Comments on the MISRA C coding guidelines (2011) - kick
http://www.knosof.co.uk/misracom.html
======
enriquto
A nice complement (and a generalization) of the MISRA C guidelines are the
NASA/JPL C guidelines [1], which are also a very beautiful read. They can be
succinctly summarized as ten simple rules [2] :

1\. Avoid complex flow constructs, such as goto and recursion.

2\. All loops must have fixed bounds.
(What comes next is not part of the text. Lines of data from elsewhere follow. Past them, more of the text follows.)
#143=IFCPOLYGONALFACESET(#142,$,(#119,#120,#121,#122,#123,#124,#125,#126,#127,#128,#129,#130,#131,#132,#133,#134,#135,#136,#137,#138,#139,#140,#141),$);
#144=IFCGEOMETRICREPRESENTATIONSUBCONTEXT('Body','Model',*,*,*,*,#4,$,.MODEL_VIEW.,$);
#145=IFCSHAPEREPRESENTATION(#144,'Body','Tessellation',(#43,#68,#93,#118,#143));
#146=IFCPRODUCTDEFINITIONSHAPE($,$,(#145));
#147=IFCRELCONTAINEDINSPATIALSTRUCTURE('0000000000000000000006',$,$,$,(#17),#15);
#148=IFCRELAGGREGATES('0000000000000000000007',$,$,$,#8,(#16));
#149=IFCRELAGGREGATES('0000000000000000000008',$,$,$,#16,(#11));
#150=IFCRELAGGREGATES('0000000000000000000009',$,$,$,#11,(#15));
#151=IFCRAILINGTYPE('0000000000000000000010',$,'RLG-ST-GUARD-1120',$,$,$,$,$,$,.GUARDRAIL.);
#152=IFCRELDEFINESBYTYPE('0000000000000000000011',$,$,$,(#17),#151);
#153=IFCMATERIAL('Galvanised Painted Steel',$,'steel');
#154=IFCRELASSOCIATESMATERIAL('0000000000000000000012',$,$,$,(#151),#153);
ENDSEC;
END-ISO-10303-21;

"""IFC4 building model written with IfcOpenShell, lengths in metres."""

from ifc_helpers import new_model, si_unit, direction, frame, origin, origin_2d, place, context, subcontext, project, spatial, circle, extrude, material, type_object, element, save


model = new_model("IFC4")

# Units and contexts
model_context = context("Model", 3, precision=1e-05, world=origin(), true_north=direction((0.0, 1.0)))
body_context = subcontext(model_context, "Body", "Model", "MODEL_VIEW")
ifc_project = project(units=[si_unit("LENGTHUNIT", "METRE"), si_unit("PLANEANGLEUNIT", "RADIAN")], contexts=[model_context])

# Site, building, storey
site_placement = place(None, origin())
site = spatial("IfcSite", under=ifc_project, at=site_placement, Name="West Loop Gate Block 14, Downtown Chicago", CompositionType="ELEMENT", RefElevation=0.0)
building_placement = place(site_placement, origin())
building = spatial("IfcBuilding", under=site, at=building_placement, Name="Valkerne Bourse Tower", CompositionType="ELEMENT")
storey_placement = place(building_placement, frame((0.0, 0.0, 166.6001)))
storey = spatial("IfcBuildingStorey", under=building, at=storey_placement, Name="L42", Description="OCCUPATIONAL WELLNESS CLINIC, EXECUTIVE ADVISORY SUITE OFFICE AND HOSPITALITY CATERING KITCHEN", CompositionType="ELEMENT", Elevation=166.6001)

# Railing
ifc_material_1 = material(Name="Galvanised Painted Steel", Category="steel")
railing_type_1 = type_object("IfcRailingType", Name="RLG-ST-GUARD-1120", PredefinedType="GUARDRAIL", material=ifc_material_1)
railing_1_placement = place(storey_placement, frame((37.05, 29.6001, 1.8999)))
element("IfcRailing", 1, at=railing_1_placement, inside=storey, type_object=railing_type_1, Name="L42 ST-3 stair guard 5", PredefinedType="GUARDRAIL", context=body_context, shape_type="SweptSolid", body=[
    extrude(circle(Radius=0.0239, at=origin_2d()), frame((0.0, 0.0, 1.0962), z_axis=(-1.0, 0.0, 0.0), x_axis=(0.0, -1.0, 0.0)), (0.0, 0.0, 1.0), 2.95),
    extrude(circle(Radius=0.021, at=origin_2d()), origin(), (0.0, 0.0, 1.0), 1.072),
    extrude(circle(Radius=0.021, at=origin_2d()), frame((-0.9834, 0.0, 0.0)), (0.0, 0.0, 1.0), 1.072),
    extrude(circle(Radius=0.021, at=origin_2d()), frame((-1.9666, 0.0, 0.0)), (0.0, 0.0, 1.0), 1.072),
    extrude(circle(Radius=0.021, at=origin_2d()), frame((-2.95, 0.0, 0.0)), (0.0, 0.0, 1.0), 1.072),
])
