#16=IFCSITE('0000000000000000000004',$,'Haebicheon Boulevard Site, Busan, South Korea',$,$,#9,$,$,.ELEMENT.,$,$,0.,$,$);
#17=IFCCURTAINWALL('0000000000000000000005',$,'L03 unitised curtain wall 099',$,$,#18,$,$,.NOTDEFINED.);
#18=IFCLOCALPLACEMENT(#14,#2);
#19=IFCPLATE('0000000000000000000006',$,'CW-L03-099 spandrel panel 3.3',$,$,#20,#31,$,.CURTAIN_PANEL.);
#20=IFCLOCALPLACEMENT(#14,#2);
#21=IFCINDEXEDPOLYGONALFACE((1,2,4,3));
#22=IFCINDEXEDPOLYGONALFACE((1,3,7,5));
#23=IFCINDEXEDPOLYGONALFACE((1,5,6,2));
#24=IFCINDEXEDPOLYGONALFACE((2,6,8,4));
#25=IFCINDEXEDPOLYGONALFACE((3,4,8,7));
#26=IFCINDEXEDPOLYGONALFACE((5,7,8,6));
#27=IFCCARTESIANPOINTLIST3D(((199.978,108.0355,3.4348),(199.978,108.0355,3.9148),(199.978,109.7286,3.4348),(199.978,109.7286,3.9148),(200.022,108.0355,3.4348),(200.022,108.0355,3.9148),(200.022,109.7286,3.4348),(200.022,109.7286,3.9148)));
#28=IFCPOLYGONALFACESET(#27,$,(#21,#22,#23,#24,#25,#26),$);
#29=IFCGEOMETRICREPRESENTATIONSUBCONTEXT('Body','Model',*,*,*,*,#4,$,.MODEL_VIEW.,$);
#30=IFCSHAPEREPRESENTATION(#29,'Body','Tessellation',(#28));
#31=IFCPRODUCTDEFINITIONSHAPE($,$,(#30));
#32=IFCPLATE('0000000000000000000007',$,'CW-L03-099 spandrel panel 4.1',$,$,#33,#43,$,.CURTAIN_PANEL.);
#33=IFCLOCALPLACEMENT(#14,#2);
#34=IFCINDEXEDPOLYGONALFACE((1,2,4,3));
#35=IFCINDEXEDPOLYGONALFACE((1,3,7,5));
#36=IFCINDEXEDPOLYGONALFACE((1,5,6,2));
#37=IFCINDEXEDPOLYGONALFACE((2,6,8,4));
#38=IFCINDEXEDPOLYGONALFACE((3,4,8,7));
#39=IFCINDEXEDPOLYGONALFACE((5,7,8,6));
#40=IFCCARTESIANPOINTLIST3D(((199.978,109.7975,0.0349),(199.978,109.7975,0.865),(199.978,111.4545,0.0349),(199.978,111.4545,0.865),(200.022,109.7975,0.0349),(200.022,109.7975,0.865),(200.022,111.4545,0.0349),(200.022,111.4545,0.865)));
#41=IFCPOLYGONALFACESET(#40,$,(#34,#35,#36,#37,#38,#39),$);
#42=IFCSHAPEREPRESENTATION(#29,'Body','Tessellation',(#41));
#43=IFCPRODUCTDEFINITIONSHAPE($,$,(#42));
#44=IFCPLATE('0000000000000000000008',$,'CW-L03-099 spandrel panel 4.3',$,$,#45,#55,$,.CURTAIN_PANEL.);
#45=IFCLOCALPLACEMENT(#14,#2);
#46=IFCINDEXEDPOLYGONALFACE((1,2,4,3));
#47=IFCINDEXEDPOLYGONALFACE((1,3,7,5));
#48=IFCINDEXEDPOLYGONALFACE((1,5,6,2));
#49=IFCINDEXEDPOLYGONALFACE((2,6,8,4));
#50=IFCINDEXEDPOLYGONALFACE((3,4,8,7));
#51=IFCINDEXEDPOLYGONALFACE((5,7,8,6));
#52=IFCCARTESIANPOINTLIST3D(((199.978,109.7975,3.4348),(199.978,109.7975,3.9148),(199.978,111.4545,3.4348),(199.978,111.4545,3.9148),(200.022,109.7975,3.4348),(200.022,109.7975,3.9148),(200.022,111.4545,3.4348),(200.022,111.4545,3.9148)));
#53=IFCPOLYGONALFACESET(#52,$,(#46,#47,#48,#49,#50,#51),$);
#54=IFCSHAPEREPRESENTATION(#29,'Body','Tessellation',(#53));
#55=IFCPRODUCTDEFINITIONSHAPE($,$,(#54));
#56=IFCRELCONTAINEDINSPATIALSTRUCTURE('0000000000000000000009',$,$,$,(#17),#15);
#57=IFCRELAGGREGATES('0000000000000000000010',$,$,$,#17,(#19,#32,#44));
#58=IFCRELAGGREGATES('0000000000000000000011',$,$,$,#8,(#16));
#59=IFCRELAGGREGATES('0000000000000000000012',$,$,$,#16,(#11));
This prevents runaway code.

3\. Avoid heap memory allocation.

4\. Restrict functions to a single printed page.

5\. Use a minimum of two runtime assertions per function.

6\. Restrict the scope of data to the smallest possible.

7\. Check the return value of all non-void functions, or cast to void to
indicate the return value is useless.

8\. Use the preprocessor sparingly.

9\. Limit pointer use to a single dereference, and do not use function
pointers.

10\. Compile with all possible warnings active; all warnings should then be
addressed before release of the software.

[1]
[https://yurichev.com/mirrors/C/JPL_Coding_Standard_C.pdf](https://yurichev.com/mirrors/C/JPL_Coding_Standard_C.pdf)

[2]
[https://en.wikipedia.org/wiki/The_Power_of_10:_Rules_for_Dev...](https://en.wikipedia.org/wiki/The_Power_of_10:_Rules_for_Developing_Safety-
Critical_Code)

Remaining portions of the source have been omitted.